E há quem se enxergue claramente em um dia qualquer. Dentro do elevador. Depois do sexo. No caminho da padaria. Ou com a areia suja da cidade em que nasceu entre os dedos dos pés. Ou ainda durante um grito de protesto com os braços levantados numa avenida de prédios espelhados.

E ela se viu. Entre o outono e o inverno, entre os 33 e 34 anos. E viu uma mulher. Pequena. E meio gigante. De cabelo castanho claro, apesar de todos os pigmentos que adiciona a ele. Olhos enormes. De ressaca, depois das cervejas da sexta-feira. Com vontade de se espalhar pelo mundo, correr da praia aos alpes, de ônibus, metrô ou teleférico. Sem quinquilharias na mala, sem tristezas na nécessaire. Nada carregar-se-á do passado. Só as certezas. Sólidas. Não há ilusões.

O amor, aquele azul e trôpego, já não a emociona. Não há volta no caminho caminhado. Não se congela a vida na despedida de Bogart e Bergman. A vida é para ser vivida, usada, amassada, vomitada. Nada é para sempre.
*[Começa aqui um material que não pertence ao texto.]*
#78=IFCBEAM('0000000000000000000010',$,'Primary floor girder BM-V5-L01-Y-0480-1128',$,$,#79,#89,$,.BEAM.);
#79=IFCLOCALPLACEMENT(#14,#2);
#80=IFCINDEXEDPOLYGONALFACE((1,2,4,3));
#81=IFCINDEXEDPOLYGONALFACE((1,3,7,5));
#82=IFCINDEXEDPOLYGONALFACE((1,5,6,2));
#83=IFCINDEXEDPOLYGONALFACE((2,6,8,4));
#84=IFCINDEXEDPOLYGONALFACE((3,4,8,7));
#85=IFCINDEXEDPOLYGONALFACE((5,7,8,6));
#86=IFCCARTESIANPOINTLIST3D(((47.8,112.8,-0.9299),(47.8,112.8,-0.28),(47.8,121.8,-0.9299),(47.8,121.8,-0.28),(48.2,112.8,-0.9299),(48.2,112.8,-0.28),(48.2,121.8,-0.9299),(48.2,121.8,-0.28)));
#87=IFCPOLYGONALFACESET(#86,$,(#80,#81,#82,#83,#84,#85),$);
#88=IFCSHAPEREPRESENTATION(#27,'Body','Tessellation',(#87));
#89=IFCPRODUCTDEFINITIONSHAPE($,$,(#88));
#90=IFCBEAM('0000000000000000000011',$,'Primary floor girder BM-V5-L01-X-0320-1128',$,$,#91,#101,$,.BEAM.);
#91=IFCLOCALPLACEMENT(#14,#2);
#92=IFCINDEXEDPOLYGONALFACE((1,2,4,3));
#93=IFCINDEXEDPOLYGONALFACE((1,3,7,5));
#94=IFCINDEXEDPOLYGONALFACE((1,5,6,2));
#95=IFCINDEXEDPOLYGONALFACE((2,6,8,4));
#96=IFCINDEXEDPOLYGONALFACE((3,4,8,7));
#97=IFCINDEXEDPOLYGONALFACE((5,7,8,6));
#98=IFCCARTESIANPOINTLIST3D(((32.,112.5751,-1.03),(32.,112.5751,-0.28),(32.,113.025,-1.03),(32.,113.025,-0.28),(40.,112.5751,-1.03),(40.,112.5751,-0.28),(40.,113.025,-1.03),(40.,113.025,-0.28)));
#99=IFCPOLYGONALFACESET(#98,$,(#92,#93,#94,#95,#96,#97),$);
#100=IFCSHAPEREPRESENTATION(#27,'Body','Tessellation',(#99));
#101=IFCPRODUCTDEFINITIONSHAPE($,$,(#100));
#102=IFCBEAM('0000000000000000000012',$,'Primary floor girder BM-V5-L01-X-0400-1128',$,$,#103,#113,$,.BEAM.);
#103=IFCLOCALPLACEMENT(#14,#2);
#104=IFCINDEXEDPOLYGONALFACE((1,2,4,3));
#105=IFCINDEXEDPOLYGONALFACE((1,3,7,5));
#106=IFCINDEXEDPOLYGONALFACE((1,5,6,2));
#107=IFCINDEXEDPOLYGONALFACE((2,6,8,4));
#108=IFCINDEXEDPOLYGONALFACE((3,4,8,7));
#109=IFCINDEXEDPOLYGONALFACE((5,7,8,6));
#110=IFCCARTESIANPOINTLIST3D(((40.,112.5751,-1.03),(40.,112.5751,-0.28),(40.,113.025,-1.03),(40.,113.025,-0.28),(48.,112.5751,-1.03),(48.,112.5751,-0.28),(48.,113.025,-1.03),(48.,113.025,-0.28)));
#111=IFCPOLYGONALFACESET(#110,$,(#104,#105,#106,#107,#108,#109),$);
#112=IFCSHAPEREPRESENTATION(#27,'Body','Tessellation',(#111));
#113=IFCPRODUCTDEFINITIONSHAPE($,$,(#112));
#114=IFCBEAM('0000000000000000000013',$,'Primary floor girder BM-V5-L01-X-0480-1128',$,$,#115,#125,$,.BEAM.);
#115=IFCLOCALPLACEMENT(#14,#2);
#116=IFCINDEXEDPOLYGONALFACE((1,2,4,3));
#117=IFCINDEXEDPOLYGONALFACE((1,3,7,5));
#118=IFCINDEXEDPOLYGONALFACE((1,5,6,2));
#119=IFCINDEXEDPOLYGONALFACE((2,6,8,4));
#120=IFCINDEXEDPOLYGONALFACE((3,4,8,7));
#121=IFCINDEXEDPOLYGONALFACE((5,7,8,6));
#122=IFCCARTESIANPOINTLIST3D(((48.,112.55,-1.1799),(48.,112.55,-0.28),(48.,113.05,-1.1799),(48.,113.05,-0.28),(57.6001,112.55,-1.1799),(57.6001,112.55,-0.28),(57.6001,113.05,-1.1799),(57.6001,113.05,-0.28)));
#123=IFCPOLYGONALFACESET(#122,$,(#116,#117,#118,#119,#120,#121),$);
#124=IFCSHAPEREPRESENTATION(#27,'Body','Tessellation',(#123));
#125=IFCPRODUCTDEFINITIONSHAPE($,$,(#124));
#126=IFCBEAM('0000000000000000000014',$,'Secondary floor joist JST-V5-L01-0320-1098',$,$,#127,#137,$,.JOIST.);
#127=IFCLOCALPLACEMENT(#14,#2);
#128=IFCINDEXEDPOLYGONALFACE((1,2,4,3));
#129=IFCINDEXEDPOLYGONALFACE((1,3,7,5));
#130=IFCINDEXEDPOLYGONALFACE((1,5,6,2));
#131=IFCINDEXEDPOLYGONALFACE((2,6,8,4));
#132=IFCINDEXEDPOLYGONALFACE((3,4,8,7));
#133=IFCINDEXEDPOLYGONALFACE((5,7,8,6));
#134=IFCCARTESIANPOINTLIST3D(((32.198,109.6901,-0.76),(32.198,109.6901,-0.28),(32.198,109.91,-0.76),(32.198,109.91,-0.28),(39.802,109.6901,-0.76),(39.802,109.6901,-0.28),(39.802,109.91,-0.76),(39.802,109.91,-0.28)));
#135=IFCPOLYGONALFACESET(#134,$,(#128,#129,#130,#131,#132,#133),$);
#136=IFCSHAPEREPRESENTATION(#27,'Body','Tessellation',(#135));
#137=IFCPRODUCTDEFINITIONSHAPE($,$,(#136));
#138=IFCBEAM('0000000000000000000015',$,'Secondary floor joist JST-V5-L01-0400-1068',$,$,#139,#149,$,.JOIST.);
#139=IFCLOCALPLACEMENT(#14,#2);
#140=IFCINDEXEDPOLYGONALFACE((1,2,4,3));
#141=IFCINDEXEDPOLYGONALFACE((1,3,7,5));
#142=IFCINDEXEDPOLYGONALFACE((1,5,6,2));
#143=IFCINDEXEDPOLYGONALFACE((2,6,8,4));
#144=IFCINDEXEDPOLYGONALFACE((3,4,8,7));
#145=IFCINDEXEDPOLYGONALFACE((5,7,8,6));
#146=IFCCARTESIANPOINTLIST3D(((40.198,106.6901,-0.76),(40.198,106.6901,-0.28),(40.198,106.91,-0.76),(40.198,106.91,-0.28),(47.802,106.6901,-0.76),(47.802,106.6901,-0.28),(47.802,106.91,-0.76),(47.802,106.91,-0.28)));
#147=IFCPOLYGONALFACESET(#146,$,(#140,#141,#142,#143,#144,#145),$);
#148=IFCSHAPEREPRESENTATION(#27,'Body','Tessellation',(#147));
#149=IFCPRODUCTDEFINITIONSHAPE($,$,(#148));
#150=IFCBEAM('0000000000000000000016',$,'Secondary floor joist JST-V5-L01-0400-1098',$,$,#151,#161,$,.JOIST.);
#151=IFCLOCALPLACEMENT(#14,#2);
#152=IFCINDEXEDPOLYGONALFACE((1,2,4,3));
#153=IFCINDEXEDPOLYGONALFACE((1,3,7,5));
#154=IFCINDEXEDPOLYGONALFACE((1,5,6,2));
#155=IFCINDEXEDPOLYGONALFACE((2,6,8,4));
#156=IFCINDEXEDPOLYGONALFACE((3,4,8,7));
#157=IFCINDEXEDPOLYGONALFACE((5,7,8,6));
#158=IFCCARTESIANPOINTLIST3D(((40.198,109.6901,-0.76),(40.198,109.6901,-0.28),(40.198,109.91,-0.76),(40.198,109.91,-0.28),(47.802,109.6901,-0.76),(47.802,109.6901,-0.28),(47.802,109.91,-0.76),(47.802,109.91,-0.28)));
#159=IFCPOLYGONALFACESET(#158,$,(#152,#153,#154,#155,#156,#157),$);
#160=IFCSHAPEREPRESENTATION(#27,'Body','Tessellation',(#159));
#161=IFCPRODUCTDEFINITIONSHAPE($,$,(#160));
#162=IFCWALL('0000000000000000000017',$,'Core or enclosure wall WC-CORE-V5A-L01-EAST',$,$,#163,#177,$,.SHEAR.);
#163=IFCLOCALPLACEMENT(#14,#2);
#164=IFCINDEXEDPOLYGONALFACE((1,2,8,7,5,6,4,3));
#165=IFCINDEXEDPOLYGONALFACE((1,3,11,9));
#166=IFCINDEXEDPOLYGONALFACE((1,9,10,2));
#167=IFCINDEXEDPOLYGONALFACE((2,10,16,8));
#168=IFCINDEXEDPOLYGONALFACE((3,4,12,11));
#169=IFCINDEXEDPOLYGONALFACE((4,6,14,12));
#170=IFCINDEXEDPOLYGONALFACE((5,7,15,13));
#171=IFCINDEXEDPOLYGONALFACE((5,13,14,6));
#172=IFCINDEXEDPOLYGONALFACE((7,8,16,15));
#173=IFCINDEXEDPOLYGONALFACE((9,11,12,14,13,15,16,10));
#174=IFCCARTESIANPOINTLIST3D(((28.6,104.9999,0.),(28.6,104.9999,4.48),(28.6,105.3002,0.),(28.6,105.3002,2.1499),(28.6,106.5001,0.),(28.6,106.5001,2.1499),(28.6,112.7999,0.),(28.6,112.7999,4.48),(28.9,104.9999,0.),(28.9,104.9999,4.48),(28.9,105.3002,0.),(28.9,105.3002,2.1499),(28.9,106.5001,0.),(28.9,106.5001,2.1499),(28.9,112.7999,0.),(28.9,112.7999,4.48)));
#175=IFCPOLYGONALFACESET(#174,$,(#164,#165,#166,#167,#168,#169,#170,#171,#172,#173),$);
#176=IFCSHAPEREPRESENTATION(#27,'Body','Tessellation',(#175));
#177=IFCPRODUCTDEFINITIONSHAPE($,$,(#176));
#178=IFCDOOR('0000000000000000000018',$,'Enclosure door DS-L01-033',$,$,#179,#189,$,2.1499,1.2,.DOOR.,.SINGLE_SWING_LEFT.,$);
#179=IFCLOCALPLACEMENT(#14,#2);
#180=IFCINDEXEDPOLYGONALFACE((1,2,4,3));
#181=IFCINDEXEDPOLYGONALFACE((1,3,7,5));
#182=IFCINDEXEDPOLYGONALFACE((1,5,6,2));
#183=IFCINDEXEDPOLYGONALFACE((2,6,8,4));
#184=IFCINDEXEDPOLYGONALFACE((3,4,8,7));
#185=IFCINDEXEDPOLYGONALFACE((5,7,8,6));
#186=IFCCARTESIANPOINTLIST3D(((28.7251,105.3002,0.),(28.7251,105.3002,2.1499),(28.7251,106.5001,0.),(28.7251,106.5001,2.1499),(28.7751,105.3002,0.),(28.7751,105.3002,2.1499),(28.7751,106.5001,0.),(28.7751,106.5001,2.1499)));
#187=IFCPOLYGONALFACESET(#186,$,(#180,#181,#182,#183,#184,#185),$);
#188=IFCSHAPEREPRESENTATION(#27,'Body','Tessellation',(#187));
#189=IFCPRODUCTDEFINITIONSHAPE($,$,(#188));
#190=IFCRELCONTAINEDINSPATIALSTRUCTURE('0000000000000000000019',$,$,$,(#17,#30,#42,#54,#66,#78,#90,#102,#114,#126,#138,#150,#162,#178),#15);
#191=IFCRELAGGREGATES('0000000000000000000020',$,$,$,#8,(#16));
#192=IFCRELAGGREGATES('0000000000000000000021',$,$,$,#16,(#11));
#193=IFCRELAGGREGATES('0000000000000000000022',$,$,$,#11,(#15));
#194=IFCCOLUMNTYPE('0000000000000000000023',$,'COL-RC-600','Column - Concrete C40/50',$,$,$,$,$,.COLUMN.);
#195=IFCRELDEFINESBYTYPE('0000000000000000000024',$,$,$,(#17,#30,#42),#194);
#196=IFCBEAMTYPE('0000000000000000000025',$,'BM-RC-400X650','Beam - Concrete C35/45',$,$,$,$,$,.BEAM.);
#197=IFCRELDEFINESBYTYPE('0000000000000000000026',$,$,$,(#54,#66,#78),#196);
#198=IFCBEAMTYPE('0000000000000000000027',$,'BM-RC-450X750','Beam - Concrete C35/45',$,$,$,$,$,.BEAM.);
"You are a fighter", disse o soldado cipriota. E ela é. Não porque ele diz, mas ela é. E aqueles olhos disléxicos sempre a viram por dentro mesmo, não há razões para duvidar. A fighter de risada alta e dona do próprio corpo. É difícil mesmo de acompanhar.
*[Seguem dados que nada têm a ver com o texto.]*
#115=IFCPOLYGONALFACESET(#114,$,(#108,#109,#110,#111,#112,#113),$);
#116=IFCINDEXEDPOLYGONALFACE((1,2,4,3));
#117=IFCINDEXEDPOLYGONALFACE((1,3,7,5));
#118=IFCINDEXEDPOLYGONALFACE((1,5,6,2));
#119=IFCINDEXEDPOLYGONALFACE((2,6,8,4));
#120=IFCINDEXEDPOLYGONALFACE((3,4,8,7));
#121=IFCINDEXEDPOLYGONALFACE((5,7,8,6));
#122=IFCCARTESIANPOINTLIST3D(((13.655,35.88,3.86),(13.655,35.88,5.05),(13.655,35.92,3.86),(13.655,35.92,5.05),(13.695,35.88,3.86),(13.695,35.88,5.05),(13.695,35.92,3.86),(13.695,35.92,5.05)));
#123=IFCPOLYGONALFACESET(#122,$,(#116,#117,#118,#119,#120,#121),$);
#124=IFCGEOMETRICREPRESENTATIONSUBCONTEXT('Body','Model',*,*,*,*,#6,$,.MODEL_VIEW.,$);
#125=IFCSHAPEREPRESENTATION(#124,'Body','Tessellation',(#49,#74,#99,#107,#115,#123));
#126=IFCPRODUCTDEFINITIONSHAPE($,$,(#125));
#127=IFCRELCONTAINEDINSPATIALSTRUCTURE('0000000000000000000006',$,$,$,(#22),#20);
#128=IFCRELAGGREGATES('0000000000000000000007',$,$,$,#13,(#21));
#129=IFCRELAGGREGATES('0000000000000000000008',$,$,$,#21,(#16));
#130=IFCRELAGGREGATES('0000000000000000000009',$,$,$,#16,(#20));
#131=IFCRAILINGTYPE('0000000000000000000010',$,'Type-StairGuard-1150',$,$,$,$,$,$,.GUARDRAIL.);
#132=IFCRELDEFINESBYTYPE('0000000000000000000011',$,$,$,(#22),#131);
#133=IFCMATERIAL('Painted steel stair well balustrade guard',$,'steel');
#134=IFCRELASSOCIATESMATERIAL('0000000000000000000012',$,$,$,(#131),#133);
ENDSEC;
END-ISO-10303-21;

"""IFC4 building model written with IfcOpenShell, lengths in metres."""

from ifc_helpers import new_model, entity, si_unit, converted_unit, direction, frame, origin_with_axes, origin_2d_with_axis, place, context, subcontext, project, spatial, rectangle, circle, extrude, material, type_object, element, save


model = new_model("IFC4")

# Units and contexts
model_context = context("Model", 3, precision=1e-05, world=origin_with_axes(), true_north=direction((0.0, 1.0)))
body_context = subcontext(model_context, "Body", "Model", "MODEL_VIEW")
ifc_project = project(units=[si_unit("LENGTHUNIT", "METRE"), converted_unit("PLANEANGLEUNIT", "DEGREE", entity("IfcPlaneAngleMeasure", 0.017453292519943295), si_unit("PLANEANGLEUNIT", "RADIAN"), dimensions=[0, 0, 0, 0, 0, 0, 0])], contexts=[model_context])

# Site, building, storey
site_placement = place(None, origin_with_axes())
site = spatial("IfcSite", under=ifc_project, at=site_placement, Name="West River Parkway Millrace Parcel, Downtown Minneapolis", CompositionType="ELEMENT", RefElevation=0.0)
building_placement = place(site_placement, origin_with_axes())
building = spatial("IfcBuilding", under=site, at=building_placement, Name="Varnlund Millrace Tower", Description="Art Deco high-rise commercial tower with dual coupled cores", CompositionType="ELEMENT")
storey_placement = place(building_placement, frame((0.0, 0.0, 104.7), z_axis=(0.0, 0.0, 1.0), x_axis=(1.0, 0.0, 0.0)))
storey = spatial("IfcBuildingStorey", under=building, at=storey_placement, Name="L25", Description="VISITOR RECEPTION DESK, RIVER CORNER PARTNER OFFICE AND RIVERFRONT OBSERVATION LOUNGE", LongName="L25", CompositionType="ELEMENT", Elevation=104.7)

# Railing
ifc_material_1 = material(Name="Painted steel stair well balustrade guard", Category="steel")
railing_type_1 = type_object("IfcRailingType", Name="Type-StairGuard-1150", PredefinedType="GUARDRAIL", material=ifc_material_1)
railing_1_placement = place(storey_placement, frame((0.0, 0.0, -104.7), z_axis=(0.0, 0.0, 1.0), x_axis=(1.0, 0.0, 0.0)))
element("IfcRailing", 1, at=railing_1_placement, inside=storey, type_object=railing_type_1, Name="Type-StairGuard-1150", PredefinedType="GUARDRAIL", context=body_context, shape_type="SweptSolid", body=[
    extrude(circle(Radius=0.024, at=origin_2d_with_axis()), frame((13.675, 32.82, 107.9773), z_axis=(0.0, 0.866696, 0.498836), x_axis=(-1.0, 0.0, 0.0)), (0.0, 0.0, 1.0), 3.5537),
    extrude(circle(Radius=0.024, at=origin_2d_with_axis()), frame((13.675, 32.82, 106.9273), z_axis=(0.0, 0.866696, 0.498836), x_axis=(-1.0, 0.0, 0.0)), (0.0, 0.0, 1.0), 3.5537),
quarta-feira, 22 de maio de 2013

Vem vida!


quarta-feira, 15 de maio de 2013

O tempo

Sonhei que tinha que pintar na parede o coelho da Alice. Em um apartamento que nunca fui, mas era meu.
Não era só a Alice. Era o coelho. E o relógio. E o tempo que passa. E a vida que muda.
Acordei com medo. Queria uma parede branca. Sempre branca. Parede branca com vista pro mar. Esse sim, autorizado a mudar todo dia. Mas eu sou um pouco de mar também. E areia. E porto. Que nunca para.
E aí ele veio. E eu em crise. E ele em crise. E o mundo girando ao contrário na roda de uma bicicleta. Em crise. E os 30 anos são de 30 crises por dia. E eu só queria uma parede branca.
Mas ele veio falar. Veio como veio em 2000 e me disse que era bom sair da casa da minha mãe. E eu carreguei as panelas serra acima. Veio como veio em 2004. E, numa praça de alimentação de um supermercado da Marginal, disse que eu estava certa em deixar aquele trabalho que eu não gostava. Disse com aqueles olhos de 25 anos. Aquele olhar em que ainda cabia o mundo. E tem cheiro de perfume comprado em Nova York. E gel no cabelo. Veio como veio em 2011 me resgatar da beira do penhasco. E disse: "sai". E eu saí. E agora disse "vai".
E o coelho sussurra: é tarde, é tarde, é muito tarde.
E eu fico pequena e fico grande. Eu giro. Eu danço. Eu choro. Eu não sei.
Só sei que teremos uma saideira. E a vida segue.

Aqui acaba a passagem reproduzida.